Commonly seen in public places such as parks and universities, public recycling bins can vary in shape and size. These bins are placed in areas easily accessible to the public to help facilitate recycling. Many of these recycling bins are accompanied by a compost and waste bin to allow the public to conveniently dispose of a variety of waste. The dispersal of these bins help to contribute to the beautification of public areas by encouraging the proper disposal of waste products. Placement of these bins can be done either through private entities or different government agencies.

== Safety issues ==
Though rare, there have been some fatal accidents involving recycling bins. Since its invention, The recycling bin has caused many controversies, including various deaths. In 1995, a twenty-six-year-old male in California was crushed to death in a recycling bin by a recycling ram. In 2011, a sixty-two year old Ohio woman was found wedged face first in a recycling bin. She fell off of her porch and into the recycling bin and presumably asphyxiated to death. Also in 2011, the body of a forty-four-year-old man was found in a recycling plant after he was crushed to death crawling into a recycling bin. More recently, in 2022, a Massachusetts woman named Barbara Novaes's dead body was found inside a recycling bin. Although her death was determined to be accidental, her family has disputed this claim, believing her death to be a homicide.

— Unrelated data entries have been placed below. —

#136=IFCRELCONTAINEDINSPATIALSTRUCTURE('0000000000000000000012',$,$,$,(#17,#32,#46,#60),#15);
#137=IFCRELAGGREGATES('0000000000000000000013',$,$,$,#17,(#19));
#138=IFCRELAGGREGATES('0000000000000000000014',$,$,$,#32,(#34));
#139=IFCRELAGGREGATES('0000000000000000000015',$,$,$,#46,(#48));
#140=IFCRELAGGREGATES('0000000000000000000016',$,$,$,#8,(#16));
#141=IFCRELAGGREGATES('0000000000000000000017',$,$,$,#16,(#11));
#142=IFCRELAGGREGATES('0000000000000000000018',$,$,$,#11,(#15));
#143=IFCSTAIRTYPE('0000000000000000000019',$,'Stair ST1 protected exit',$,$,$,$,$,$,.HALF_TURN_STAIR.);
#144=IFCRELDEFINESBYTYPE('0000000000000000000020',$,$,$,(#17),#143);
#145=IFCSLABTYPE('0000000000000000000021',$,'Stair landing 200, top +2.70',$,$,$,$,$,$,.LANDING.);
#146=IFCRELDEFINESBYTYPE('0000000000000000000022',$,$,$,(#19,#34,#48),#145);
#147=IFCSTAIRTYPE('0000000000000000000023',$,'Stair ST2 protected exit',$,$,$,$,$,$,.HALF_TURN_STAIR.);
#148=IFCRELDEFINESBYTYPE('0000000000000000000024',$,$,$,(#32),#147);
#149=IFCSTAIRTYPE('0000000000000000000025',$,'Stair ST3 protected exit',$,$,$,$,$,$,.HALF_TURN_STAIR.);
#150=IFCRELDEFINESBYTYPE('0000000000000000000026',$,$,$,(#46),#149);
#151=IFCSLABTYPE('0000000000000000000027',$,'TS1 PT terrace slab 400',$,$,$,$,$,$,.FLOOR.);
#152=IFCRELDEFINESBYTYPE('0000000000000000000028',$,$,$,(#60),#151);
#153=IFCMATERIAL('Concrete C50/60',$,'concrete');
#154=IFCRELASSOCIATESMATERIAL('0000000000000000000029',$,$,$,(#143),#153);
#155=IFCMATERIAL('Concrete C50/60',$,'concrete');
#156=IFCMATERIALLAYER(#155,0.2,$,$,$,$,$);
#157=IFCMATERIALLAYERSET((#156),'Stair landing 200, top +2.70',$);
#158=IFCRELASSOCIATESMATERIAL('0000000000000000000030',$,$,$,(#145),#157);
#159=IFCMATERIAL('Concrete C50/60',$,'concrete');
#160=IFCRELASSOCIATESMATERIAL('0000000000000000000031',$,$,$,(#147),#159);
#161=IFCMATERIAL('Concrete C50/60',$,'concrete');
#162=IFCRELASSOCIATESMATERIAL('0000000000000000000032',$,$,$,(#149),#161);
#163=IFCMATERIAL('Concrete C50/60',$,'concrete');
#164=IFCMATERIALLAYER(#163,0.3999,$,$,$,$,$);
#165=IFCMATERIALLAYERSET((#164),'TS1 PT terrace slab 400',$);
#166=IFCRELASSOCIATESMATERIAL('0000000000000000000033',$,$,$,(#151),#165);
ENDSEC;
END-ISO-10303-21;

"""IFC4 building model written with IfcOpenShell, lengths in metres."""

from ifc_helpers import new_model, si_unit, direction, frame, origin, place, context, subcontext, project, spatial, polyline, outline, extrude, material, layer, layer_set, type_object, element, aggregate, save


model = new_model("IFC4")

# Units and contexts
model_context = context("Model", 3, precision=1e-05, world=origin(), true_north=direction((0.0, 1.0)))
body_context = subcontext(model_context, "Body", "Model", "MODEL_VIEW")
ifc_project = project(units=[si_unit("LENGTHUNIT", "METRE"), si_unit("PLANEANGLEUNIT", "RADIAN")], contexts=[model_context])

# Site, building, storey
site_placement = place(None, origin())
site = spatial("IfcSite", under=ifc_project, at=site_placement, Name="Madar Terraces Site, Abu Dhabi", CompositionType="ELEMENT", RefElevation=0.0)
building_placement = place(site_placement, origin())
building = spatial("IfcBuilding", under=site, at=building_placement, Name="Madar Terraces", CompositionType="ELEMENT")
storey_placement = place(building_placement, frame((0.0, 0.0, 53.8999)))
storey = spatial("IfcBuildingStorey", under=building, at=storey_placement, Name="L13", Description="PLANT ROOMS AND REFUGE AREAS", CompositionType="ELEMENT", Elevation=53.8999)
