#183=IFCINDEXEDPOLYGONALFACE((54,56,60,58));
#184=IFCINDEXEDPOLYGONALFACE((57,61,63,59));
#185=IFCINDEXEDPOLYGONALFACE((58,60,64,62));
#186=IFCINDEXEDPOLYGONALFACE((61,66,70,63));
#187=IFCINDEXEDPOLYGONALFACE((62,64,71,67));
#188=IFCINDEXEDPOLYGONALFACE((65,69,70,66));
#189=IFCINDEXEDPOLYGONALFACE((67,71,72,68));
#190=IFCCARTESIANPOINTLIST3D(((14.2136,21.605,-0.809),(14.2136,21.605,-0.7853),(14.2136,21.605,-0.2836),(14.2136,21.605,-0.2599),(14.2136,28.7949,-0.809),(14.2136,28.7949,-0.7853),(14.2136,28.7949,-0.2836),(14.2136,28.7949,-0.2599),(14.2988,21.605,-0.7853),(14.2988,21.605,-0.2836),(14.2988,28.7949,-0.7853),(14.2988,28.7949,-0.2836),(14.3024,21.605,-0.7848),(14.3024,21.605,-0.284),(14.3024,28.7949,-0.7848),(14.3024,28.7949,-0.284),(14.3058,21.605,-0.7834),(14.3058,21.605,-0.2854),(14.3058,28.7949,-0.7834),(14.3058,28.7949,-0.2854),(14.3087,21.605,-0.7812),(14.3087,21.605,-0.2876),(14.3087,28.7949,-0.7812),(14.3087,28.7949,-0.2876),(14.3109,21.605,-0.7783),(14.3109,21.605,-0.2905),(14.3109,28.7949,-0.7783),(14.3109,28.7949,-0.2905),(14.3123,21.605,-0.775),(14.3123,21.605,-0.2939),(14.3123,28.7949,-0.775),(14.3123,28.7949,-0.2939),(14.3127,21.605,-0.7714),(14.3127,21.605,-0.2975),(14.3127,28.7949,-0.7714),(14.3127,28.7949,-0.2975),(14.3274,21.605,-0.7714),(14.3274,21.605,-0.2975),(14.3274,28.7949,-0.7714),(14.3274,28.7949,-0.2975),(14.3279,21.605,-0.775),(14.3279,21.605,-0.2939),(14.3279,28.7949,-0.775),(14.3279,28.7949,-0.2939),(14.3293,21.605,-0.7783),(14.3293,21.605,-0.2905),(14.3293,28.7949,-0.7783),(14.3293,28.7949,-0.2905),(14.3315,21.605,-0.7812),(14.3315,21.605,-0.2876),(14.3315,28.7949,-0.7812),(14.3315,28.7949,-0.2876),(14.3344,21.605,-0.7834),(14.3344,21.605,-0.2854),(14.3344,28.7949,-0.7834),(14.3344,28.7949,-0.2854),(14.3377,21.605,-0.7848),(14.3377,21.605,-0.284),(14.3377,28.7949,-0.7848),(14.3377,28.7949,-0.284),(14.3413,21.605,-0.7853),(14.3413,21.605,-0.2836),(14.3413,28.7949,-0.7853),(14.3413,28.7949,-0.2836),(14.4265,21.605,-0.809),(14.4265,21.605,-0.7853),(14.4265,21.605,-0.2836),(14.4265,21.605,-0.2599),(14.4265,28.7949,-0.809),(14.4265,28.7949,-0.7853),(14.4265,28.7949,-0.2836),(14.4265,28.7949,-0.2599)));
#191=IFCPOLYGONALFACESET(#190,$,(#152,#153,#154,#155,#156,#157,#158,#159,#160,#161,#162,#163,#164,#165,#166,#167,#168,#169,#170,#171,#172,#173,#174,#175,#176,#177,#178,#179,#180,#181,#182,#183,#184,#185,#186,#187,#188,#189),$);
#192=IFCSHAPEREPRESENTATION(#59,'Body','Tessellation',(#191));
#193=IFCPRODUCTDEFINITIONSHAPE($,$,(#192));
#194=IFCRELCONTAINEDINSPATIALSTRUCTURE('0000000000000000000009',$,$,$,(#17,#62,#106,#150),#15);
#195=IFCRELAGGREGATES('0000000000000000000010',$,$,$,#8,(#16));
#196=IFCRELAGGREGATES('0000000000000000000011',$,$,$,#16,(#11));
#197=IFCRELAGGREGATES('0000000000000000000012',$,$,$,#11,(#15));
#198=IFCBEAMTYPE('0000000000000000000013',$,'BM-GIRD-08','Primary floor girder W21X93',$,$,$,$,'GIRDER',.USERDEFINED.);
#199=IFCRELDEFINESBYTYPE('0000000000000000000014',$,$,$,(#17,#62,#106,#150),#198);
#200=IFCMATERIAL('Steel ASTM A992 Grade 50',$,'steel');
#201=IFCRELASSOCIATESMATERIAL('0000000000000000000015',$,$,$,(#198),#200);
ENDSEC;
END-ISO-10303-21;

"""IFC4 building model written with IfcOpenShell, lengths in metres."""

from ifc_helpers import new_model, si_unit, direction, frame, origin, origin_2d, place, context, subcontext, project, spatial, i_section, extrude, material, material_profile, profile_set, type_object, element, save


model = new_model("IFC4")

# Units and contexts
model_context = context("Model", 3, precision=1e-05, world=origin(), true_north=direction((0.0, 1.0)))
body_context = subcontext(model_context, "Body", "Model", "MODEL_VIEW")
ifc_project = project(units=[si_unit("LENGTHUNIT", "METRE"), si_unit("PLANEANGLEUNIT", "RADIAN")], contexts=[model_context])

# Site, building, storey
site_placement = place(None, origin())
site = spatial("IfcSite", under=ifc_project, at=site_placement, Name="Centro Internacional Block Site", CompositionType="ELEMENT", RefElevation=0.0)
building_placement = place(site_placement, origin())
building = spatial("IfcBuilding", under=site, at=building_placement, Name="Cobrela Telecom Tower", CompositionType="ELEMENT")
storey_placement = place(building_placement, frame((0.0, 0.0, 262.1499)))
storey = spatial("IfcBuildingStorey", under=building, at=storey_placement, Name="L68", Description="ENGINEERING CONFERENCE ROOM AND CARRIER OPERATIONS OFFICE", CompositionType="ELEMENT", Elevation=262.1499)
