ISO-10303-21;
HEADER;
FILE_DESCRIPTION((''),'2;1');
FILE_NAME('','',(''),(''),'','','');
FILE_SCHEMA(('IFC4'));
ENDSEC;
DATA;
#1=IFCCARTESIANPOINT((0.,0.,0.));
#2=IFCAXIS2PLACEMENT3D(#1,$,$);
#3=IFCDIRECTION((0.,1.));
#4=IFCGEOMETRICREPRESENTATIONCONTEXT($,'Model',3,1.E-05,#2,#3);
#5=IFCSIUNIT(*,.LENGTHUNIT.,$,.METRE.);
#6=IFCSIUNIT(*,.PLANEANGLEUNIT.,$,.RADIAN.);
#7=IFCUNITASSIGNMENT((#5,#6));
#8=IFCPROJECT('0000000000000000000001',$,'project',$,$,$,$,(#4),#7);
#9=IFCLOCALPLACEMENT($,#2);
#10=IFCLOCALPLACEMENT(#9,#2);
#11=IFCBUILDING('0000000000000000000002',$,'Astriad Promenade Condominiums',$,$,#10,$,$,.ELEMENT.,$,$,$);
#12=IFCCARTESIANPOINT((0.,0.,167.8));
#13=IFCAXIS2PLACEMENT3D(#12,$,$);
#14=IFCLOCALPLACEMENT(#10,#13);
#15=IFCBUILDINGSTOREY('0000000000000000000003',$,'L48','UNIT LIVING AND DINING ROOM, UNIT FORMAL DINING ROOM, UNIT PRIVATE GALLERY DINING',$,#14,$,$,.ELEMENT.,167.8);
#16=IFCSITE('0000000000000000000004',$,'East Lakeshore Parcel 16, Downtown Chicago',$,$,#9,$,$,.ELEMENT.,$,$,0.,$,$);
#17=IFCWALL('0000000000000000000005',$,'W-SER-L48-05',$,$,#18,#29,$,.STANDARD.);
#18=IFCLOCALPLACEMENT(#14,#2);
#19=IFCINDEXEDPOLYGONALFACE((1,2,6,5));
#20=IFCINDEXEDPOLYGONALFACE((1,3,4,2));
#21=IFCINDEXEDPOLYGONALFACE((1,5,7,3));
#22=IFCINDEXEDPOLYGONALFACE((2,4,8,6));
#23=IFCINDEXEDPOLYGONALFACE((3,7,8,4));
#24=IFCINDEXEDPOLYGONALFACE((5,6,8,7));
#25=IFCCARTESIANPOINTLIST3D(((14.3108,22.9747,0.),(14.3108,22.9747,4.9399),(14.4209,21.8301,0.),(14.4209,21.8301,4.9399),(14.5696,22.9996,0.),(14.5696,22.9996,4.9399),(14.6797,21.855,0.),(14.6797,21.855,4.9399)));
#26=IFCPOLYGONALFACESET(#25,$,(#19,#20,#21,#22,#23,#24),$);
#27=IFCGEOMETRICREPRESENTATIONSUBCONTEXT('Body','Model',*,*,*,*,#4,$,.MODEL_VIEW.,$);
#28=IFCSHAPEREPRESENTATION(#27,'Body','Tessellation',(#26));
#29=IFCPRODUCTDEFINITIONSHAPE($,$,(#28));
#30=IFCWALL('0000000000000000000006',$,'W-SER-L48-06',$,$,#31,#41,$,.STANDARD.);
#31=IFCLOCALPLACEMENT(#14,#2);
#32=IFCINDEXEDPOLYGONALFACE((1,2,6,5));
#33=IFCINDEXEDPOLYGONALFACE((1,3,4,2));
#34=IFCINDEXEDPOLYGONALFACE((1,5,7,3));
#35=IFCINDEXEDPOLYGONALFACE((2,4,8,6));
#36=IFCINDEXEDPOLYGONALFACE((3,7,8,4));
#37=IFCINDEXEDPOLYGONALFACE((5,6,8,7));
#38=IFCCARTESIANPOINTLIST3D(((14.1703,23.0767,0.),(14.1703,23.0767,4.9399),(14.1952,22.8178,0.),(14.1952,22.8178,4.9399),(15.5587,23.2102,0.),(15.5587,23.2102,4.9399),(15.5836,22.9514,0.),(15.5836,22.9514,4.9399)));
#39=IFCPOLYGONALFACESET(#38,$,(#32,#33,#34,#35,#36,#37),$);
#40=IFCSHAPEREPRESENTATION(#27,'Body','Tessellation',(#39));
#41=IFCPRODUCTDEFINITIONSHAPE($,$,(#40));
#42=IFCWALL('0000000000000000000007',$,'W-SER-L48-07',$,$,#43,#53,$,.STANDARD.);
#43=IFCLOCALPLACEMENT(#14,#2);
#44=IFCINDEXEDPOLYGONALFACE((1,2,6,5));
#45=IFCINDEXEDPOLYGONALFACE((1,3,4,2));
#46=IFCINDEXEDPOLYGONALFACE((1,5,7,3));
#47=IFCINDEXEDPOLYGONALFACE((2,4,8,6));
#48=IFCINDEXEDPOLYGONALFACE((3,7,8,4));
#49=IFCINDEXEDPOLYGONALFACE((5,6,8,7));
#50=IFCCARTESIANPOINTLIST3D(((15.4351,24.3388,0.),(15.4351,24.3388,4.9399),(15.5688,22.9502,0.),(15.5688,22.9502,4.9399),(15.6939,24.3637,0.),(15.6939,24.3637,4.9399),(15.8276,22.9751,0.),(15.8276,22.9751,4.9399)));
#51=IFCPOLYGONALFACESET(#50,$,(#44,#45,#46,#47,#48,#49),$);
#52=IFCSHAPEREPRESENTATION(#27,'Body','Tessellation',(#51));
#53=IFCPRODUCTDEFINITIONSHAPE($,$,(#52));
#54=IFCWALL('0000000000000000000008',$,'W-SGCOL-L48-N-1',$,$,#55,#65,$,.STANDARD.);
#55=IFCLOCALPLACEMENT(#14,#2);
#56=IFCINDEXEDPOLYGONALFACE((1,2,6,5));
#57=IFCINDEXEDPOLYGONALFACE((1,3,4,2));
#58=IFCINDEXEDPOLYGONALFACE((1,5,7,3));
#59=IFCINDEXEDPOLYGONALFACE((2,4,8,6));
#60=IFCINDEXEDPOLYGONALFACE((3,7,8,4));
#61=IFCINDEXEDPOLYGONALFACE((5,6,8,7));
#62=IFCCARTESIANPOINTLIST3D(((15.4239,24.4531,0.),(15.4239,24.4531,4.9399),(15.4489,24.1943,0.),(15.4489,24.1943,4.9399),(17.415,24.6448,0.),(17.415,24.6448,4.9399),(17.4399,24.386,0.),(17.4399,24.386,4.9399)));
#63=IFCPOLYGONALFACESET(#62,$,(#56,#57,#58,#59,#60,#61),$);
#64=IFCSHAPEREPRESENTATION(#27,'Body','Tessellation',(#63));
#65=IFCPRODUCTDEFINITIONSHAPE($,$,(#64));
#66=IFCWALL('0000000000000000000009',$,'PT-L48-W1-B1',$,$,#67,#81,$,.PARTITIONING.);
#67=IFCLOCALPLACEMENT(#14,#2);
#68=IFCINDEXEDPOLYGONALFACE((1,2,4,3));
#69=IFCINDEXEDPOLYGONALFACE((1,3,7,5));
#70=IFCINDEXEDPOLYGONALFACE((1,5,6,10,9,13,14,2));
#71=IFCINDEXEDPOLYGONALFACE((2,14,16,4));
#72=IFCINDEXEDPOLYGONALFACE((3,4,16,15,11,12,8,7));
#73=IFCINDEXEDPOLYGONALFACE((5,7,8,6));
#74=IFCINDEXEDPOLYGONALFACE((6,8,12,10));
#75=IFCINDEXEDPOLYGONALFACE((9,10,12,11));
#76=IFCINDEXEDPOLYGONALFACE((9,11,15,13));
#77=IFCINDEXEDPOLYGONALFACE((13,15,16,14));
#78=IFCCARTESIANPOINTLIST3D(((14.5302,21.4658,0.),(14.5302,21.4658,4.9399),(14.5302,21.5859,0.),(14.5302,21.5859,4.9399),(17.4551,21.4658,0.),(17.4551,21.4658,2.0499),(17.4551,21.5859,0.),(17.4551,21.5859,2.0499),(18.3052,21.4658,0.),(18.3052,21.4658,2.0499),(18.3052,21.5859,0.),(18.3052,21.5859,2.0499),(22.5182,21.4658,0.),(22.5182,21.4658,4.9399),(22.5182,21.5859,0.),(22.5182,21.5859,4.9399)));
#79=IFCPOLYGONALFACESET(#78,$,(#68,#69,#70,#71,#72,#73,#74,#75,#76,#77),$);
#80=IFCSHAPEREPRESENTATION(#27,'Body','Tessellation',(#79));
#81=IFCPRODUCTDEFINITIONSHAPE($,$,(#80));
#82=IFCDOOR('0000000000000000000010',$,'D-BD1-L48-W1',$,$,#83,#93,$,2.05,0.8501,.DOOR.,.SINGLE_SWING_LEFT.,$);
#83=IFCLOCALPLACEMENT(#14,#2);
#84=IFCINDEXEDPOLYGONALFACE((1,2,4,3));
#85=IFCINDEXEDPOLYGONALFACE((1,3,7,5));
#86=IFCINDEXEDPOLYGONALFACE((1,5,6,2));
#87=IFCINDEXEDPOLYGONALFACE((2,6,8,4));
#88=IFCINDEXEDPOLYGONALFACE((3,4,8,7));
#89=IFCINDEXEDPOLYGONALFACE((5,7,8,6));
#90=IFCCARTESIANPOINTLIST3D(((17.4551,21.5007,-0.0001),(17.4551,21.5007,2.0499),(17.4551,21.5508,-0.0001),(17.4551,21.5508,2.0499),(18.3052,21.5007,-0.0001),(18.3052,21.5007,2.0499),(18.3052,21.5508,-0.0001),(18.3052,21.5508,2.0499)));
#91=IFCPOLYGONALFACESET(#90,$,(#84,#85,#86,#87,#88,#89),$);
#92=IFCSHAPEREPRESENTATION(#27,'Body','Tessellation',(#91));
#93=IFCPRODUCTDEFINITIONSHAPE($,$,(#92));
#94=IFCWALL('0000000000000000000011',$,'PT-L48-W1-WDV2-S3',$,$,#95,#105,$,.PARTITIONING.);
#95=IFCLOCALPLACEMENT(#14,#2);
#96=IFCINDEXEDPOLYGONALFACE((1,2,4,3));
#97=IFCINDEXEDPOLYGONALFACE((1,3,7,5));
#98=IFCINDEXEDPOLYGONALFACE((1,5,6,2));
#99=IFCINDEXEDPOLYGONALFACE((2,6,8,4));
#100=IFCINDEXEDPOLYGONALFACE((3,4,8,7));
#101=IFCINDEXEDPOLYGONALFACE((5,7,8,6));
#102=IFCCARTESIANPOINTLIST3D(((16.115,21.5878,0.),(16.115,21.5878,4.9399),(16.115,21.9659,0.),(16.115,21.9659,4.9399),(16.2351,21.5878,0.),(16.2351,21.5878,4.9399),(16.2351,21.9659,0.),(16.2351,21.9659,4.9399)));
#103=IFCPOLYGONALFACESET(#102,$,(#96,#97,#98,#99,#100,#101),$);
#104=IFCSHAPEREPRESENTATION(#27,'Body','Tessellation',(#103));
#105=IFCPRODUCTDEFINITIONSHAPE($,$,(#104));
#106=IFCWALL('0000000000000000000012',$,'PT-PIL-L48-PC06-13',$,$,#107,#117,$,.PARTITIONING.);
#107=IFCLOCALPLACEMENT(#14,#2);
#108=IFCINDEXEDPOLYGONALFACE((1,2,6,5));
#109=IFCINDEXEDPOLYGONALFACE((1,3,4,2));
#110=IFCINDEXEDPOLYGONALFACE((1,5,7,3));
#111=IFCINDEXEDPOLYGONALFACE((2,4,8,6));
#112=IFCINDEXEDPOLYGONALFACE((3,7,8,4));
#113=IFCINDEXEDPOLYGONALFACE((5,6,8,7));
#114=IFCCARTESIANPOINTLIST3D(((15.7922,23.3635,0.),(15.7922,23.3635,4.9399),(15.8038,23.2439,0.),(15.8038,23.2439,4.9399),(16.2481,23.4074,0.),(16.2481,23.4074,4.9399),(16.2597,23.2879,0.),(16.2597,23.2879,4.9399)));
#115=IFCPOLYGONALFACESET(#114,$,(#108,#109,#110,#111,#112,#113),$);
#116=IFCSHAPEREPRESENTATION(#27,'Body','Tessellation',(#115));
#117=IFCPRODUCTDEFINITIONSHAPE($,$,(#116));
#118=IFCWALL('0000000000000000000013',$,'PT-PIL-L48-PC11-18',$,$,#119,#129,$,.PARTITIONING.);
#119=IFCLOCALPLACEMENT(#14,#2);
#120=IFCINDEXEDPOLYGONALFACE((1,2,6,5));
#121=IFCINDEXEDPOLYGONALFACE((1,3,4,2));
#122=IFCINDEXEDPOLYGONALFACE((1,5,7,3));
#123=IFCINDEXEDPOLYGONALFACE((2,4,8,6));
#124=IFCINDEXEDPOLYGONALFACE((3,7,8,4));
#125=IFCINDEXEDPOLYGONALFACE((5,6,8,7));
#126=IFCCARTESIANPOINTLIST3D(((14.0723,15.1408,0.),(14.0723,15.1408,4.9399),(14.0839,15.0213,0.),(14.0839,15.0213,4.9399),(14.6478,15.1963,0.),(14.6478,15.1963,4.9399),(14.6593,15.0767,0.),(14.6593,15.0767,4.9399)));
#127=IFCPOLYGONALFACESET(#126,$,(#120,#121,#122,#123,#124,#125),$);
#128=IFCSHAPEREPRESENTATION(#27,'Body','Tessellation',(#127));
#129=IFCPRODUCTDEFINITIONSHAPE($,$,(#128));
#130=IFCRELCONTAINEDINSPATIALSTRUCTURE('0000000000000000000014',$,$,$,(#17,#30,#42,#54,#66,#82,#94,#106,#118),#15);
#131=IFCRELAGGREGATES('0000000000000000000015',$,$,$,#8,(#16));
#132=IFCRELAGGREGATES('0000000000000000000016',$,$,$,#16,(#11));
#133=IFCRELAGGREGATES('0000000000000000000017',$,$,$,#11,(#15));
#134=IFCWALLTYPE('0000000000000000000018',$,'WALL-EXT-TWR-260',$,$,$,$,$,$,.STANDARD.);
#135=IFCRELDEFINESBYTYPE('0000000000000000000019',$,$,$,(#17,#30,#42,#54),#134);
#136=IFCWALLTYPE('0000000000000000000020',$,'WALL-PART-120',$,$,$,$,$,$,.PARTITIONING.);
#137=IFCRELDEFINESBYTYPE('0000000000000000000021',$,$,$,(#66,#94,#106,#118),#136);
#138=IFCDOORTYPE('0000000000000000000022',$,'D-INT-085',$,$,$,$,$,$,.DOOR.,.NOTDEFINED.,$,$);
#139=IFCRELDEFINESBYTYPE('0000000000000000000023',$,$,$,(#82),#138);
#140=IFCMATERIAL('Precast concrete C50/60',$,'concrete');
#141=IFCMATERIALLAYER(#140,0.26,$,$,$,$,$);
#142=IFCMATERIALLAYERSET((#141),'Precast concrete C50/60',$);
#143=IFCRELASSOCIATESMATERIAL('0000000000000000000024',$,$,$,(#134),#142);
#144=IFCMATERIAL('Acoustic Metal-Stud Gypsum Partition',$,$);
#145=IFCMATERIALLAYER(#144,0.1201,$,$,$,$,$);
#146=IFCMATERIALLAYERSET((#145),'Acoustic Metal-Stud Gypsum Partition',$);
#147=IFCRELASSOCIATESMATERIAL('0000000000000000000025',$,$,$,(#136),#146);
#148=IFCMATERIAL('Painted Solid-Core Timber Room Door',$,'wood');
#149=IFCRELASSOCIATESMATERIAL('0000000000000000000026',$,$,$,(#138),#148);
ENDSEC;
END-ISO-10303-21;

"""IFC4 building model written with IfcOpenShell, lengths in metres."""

from ifc_helpers import new_model, si_unit, direction, frame, frame_2d, origin, place, context, subcontext, project, spatial, rectangle, extrude, source, transform, mapped, material, layer, layer_set, type_object, type_shapes, element, fill, save


model = new_model("IFC4")

# Units and contexts
model_context = context("Model", 3, precision=1e-05, world=origin(), true_north=direction((0.0, 1.0)))
body_context = subcontext(model_context, "Body", "Model", "MODEL_VIEW")
ifc_project = project(units=[si_unit("LENGTHUNIT", "METRE"), si_unit("PLANEANGLEUNIT", "RADIAN")], contexts=[model_context])

# Site, building, storey
site_placement = place(None, origin())
site = spatial("IfcSite", under=ifc_project, at=site_placement, Name="East Lakeshore Parcel 16, Downtown Chicago", CompositionType="ELEMENT", RefElevation=0.0)
building_placement = place(site_placement, origin())
building = spatial("IfcBuilding", under=site, at=building_placement, Name="Astriad Promenade Condominiums", CompositionType="ELEMENT")
storey_placement = place(building_placement, frame((0.0, 0.0, 167.8)))
storey = spatial("IfcBuildingStorey", under=building, at=storey_placement, Name="L48", Description="UNIT LIVING AND DINING ROOM, UNIT FORMAL DINING ROOM, UNIT PRIVATE GALLERY DINING", CompositionType="ELEMENT", Elevation=167.8)

# Walls
ifc_material_1 = material(Name="Precast concrete C50/60", Category="concrete")
ifc_layer_1 = layer(ifc_material_1, 0.26)
ifc_layer_set_1 = layer_set([ifc_layer_1], Name="Precast concrete C50/60")
wall_type_1 = type_object("IfcWallType", Name="WALL-EXT-TWR-260", PredefinedType="STANDARD", material=ifc_layer_set_1)
wall_1_placement = place(storey_placement, frame((14.5503, 21.8425, 0.0), z_axis=(0.0, 0.0, 1.0), x_axis=(-0.095761, 0.995404, 0.0)))
element("IfcWall", 1, at=wall_1_placement, inside=storey, type_object=wall_type_1, Name="W-SER-L48-05", PredefinedType="STANDARD", context=body_context, shape_type="SweptSolid", body=[
    extrude(rectangle(XDim=1.1499, YDim=0.26, at=frame_2d((0.575, 0.0))), origin(), (0.0, 0.0, 1.0), 4.9399),
])
wall_2_placement = place(storey_placement, frame((14.1829, 22.9473, 0.0), z_axis=(0.0, 0.0, 1.0), x_axis=(0.995406, 0.095742, 0.0)))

== Alternative uses of the term "recycling bin" ==
Although more commonly referred to as Trash, the term recycling bin is sometimes used to discard files in computer software systems.

=== Windows ===

In 1995, Microsoft released Windows 95, which introduced a "recycling bin" as a place to store discarded files which could then be restored or permanently deleted. The operating system popularised the usage of the term "recycling bin" in software.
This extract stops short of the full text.